The album, 10,000 Volts, is slated for release early next year. Mostly co-written and co-produced by Steve Brown of Trixter, it’s got all the hallmarks of a classic Ace Lrehley solo record: There’s the song that references space (“Walkin’ on the Moon”), the one that references being shocked by electricity (the title track and first single), the handful featuring longtime Ace drummer Anton Pig (rockin’ together since the ’78 solo album!), even the always expected instrumental, untitled at the time of writing. But there’s something different about this latest batch of songs: Ace’s voice. It’s got a clarity, a strength, a joy to it that I haven’t quite heard from him before.

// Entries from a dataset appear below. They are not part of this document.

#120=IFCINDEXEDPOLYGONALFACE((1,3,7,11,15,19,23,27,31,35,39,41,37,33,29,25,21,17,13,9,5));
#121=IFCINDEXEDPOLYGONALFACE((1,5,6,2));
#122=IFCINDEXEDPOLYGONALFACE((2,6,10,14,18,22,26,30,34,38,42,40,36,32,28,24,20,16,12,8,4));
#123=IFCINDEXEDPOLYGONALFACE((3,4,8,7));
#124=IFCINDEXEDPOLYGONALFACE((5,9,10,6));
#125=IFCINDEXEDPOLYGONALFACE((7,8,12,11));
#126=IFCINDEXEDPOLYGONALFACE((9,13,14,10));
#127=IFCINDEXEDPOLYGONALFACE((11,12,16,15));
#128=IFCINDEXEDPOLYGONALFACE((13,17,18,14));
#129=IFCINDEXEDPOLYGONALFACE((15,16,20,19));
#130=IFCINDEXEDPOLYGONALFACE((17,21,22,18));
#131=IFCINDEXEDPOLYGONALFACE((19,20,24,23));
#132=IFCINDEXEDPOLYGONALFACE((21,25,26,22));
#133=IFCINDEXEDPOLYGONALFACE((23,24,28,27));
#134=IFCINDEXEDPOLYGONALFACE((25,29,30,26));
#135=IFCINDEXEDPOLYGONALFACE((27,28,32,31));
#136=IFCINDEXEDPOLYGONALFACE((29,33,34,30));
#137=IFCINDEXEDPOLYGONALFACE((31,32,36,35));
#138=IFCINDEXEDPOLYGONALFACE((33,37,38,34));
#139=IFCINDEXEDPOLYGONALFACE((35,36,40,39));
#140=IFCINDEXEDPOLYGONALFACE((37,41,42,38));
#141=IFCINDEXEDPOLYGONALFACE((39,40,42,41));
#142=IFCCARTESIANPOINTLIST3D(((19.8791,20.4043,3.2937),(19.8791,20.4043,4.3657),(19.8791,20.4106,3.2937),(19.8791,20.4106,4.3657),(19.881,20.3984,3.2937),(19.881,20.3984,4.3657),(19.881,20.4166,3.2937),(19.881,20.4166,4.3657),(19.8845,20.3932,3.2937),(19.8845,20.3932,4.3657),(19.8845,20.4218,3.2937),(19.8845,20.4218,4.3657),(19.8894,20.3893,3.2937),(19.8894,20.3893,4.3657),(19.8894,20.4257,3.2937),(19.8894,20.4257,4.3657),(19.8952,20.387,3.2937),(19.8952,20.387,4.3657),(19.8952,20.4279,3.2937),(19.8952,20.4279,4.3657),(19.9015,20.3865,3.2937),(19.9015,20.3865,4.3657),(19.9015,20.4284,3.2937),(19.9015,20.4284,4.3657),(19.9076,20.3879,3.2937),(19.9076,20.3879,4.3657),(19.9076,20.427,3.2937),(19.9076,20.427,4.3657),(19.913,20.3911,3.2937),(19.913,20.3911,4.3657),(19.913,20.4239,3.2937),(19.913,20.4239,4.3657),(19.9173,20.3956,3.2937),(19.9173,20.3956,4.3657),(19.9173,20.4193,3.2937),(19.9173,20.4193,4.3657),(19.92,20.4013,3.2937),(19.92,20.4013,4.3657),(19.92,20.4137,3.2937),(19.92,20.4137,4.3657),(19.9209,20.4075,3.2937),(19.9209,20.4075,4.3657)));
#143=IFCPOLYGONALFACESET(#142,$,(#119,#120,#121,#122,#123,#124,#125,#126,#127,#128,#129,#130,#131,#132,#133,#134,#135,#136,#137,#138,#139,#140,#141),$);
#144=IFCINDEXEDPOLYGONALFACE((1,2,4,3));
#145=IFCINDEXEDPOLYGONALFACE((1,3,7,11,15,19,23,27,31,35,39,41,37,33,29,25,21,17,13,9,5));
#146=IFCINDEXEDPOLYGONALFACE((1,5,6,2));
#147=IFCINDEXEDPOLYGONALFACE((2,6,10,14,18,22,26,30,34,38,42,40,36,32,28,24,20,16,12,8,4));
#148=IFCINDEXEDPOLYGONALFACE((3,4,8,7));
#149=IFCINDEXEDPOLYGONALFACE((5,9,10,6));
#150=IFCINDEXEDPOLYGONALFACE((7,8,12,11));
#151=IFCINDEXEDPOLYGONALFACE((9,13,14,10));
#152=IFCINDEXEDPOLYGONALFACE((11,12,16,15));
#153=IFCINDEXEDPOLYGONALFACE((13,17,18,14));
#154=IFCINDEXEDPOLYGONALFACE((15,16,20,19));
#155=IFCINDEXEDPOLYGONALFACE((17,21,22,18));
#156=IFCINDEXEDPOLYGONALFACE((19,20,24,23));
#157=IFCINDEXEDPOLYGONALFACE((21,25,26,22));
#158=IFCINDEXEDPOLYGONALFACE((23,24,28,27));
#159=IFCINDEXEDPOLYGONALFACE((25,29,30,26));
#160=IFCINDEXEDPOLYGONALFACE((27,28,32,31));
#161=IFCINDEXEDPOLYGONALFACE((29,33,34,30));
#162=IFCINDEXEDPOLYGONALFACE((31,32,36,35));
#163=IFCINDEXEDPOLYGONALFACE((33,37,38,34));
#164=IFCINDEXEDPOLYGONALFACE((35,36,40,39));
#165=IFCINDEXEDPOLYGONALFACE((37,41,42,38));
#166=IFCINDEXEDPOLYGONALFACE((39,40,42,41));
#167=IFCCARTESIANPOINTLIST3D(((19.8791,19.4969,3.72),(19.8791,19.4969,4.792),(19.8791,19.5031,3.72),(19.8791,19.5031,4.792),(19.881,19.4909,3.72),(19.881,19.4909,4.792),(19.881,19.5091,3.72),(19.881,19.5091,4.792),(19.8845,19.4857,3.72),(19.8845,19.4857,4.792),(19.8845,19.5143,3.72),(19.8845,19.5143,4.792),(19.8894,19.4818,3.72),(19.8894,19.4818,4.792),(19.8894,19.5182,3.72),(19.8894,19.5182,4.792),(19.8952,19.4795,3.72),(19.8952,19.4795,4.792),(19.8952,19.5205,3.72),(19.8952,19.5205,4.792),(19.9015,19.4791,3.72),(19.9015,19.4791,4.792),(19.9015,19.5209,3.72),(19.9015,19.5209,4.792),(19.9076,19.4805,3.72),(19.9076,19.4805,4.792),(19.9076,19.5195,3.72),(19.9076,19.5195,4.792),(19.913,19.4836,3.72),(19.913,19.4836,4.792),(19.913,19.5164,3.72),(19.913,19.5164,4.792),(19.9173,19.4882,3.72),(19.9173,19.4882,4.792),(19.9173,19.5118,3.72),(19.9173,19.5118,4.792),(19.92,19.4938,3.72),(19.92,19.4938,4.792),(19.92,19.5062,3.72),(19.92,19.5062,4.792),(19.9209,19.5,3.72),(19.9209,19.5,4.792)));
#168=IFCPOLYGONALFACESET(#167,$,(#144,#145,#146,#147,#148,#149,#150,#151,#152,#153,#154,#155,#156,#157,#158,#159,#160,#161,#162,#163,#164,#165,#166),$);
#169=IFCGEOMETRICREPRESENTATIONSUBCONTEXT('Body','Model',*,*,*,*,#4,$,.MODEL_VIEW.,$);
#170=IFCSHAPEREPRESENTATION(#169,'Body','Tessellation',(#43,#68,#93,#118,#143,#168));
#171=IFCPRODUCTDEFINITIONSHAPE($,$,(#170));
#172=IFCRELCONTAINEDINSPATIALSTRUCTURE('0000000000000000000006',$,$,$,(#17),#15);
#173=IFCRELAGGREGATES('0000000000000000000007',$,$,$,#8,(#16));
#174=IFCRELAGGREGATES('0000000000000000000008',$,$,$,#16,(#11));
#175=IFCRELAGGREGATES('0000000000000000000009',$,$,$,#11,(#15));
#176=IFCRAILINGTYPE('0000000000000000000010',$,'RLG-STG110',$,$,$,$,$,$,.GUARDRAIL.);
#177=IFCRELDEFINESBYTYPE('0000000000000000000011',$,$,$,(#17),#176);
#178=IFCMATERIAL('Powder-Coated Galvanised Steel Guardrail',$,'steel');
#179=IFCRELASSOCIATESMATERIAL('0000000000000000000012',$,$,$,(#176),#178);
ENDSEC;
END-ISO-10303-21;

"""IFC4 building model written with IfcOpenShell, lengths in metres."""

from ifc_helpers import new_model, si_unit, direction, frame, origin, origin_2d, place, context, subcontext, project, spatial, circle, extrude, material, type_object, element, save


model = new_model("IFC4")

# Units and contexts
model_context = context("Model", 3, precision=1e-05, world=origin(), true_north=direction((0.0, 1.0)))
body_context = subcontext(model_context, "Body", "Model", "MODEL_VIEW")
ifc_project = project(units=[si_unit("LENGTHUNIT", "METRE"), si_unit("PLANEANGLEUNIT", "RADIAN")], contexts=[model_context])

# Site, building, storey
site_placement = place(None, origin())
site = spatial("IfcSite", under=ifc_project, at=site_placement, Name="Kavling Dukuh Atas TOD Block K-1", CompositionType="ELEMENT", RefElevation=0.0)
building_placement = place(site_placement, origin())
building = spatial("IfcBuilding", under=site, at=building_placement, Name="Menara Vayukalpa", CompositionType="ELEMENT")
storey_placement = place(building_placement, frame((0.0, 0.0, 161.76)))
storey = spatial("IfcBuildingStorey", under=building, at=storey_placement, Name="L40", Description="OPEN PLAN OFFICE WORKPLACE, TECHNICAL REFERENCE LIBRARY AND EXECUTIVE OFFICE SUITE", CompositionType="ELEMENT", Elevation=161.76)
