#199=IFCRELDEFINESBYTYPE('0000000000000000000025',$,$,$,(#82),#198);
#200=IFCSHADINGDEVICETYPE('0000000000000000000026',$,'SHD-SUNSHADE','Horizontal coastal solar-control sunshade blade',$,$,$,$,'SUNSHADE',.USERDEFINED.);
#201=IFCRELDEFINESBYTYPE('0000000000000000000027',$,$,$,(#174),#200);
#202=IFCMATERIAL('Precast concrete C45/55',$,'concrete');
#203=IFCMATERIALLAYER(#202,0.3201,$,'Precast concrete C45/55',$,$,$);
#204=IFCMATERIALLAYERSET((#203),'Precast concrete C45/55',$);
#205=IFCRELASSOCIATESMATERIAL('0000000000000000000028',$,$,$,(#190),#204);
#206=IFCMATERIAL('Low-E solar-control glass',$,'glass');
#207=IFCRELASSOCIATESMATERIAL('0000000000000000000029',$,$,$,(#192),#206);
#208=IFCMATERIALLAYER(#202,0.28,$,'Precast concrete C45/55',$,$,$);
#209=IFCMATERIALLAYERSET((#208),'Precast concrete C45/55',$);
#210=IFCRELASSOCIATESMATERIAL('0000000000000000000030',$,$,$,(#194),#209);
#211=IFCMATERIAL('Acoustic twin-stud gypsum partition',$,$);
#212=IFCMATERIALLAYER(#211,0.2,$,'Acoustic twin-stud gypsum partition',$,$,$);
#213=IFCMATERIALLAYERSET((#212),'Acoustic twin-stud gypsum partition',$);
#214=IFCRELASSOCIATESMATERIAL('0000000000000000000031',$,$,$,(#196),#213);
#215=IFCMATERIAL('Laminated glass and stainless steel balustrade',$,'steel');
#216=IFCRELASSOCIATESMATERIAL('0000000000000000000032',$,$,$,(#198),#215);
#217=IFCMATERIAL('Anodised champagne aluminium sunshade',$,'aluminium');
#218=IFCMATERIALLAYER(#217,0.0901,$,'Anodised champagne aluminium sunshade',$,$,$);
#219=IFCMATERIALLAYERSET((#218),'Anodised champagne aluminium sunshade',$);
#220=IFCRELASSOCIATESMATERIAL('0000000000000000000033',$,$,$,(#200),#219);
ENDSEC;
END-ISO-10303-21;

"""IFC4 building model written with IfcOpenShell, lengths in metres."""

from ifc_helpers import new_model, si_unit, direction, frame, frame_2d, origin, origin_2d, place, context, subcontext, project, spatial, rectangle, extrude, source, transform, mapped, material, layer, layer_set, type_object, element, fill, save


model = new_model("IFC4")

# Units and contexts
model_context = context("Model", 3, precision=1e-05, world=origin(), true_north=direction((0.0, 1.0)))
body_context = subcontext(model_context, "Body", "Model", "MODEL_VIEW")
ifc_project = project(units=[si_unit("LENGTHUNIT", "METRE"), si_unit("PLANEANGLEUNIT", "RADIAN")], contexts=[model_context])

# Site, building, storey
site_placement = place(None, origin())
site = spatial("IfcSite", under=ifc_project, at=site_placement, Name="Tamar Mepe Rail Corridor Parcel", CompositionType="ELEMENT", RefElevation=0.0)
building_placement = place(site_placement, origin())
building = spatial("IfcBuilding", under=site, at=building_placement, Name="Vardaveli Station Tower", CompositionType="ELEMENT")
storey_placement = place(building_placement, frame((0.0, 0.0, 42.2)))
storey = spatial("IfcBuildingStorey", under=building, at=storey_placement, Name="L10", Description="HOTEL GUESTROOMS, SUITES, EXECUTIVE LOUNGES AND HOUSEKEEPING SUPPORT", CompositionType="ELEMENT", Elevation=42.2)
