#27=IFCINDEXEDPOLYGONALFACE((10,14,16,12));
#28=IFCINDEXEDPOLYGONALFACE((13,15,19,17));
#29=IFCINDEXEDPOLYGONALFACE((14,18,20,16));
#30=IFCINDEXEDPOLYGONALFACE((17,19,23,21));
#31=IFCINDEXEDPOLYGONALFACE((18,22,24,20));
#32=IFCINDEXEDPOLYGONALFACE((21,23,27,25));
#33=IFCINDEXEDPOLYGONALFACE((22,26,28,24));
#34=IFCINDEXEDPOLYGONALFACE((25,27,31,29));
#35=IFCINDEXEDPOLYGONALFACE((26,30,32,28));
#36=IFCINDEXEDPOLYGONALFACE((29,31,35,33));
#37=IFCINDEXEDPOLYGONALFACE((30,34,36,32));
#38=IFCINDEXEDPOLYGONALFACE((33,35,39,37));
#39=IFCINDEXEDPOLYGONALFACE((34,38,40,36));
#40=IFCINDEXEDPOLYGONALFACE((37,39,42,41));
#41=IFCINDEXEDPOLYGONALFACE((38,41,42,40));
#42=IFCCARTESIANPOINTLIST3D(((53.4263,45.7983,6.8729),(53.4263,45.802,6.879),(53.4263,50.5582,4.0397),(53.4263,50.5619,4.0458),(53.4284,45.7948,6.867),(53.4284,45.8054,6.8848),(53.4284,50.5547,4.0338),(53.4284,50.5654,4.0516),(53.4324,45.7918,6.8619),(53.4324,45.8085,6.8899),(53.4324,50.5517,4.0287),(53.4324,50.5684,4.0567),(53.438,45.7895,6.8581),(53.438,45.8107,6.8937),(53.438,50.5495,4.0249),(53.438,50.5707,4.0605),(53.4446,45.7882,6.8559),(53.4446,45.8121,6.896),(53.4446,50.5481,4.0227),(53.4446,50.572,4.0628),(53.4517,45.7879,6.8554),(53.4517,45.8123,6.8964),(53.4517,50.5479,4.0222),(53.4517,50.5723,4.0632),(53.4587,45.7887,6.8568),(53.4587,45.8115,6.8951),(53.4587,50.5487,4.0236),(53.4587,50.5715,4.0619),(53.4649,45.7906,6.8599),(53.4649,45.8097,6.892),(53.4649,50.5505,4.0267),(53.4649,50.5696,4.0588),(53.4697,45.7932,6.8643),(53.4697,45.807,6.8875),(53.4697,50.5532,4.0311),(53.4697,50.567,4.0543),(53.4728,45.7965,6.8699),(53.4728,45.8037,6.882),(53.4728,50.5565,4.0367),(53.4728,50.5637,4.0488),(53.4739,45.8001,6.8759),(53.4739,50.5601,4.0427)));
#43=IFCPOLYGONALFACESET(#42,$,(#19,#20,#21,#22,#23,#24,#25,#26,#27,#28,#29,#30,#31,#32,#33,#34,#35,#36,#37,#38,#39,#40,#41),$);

Okay, Ace, at 72, you’re in the best shape of your life, you’re on the East Coast again in this bailer Tony S. house after a yearslong stint in San Diego (back in the... New Jersey groove?), and your latest tunes are almost power pop in their crunchy, rapturous hooks and shockingly robust vocals. You’re not even bashing Paul Stanley today. What gives?
Immediately, he credits his brideto-be. “Y’know, Lara’s a personal trainer. She cooks organic and all that stuff. We got engaged, y’know, so everything’s great.... I’ve never been this healthy and this happy, and it comes through in the music.”
Awww, Ace is in love. And we love that for him. But what about your ex?
“Even though me and Paul have our disagreements, I still love him. We founded the biggest theatrical rock group in the world. I was talkin’ to Peter today. He goes, ‘Ace, people are gonna be listening to our records 50 years from now.’ I go, ‘I know, after we’re dead and buried.’”
Dead and buried? Perish the thought. But do meet your heroes. Tell them you love them, even if it’s under your breath. Ask them the questions that are too stupid to be asked. Badger them into giving you some of their computer art from 1992. Then badger them into signing it. And for every 10 times you walk away disappointed, maybe you'll get one Ace day like mine. Hold out for that Ace day.